The appellate Court was thus not right in dispensing with an enquiry as contemplated under Rule 5 of order 22 of the Code giving due opportunity to the appellant to prima facie substantiate his case negating the claim of the respondent no. 1 to 3 seeking leave to be impleded as the plaintiffs. The finding given as regards right to sue surviving with the respondent nos. 1 to 3 cannot be said to have been the outcome of an enquiry as contemplated under the above rule and perusal of the documents without seeking response from the adversary and without giving due scope to show to the contrary, if any, cannot be taken as the substitute of said inquiry as envisaged. Therefore, this Court finds the above order in the appeal passed by learned Additional District Judge as vulnerable and the same is thus liable to be set aside which is hereby done.

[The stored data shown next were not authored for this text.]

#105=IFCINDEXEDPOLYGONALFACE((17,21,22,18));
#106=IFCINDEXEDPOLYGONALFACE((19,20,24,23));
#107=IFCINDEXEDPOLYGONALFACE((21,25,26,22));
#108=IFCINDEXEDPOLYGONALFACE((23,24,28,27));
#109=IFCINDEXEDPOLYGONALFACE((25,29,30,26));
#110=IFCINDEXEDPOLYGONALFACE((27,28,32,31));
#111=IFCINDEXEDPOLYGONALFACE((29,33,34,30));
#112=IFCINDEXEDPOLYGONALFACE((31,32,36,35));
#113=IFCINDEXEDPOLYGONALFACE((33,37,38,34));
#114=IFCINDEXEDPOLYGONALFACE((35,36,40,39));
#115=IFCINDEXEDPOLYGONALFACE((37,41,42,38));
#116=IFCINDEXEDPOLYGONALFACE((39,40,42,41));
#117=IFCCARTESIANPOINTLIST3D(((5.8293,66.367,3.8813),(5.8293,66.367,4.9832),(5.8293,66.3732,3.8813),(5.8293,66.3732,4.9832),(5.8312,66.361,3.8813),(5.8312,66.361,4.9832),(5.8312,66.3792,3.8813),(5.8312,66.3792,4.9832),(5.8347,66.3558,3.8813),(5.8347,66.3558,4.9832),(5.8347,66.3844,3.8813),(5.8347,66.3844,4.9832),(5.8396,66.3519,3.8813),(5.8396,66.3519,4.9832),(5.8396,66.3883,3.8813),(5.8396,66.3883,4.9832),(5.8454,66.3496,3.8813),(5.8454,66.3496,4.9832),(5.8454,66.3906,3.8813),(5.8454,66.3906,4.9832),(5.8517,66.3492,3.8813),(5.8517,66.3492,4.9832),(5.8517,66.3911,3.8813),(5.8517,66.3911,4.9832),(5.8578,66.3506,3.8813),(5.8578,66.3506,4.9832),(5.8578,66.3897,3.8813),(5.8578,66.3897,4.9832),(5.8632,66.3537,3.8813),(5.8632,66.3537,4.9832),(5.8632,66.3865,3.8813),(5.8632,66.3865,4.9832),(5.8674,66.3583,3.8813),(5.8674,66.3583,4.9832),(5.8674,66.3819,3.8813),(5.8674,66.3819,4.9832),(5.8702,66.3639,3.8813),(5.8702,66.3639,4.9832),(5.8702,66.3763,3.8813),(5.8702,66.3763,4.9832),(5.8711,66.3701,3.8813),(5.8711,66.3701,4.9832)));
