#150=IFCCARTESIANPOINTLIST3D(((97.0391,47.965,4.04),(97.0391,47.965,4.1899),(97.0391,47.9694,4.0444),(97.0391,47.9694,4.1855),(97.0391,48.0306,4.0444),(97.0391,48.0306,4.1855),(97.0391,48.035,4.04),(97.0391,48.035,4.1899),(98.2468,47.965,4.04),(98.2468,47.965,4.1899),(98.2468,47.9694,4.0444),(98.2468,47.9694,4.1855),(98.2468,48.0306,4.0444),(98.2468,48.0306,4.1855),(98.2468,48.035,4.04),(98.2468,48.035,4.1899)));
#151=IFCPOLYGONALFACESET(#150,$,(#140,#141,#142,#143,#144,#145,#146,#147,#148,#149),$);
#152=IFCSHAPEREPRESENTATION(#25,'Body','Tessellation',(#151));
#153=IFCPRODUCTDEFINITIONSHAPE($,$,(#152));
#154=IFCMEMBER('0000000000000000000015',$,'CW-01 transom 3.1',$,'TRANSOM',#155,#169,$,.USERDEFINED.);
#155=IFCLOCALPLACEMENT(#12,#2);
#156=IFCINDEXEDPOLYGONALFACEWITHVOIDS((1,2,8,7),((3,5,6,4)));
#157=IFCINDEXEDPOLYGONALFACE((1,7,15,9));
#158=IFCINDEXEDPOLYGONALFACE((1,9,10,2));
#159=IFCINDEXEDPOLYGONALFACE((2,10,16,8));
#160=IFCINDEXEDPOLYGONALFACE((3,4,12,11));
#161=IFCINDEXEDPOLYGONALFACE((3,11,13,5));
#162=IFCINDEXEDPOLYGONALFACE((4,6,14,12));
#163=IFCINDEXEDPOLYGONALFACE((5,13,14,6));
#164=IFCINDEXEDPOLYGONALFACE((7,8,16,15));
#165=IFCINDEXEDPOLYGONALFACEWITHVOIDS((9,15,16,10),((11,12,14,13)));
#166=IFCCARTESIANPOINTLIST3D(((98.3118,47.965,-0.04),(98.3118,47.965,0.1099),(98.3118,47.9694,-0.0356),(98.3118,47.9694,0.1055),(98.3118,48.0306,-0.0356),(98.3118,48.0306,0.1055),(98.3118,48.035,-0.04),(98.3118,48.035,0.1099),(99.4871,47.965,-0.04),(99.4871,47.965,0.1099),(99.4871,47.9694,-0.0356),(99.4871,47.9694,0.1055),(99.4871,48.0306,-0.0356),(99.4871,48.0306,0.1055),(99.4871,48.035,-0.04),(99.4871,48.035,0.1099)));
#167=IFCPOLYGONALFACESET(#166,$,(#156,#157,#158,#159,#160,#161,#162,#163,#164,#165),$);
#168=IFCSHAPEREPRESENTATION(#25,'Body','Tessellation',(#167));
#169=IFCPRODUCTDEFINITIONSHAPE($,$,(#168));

The matter is remitted back to the learned Civil Judge (Senior Division}, Rairangpur to take up an enquiry as contemplated under the rule as aforesaid and pass necessary order in accordance with law. The interveners who are now claiming that they are the true reversioners are at liberty to advance their claim in the Court below and participate in the enquiry to be taken into consideration for a just decision in the matter. 11. In the result the appeal is allowed and in the circumstances without cost. Looking at the age of the litigation, it is directed that the parties would appear in the Court below on 09.02.2015 to receive further instruction and to co-operate with the trial Court in proceeding with the matter. It is further observed that the observations made above would have absolutely no bearing as to the merit of the claim of the parties with regard to the question of substitution of party/ies in place of deceased plaintiff in pursuing the suit. Appeal allowed.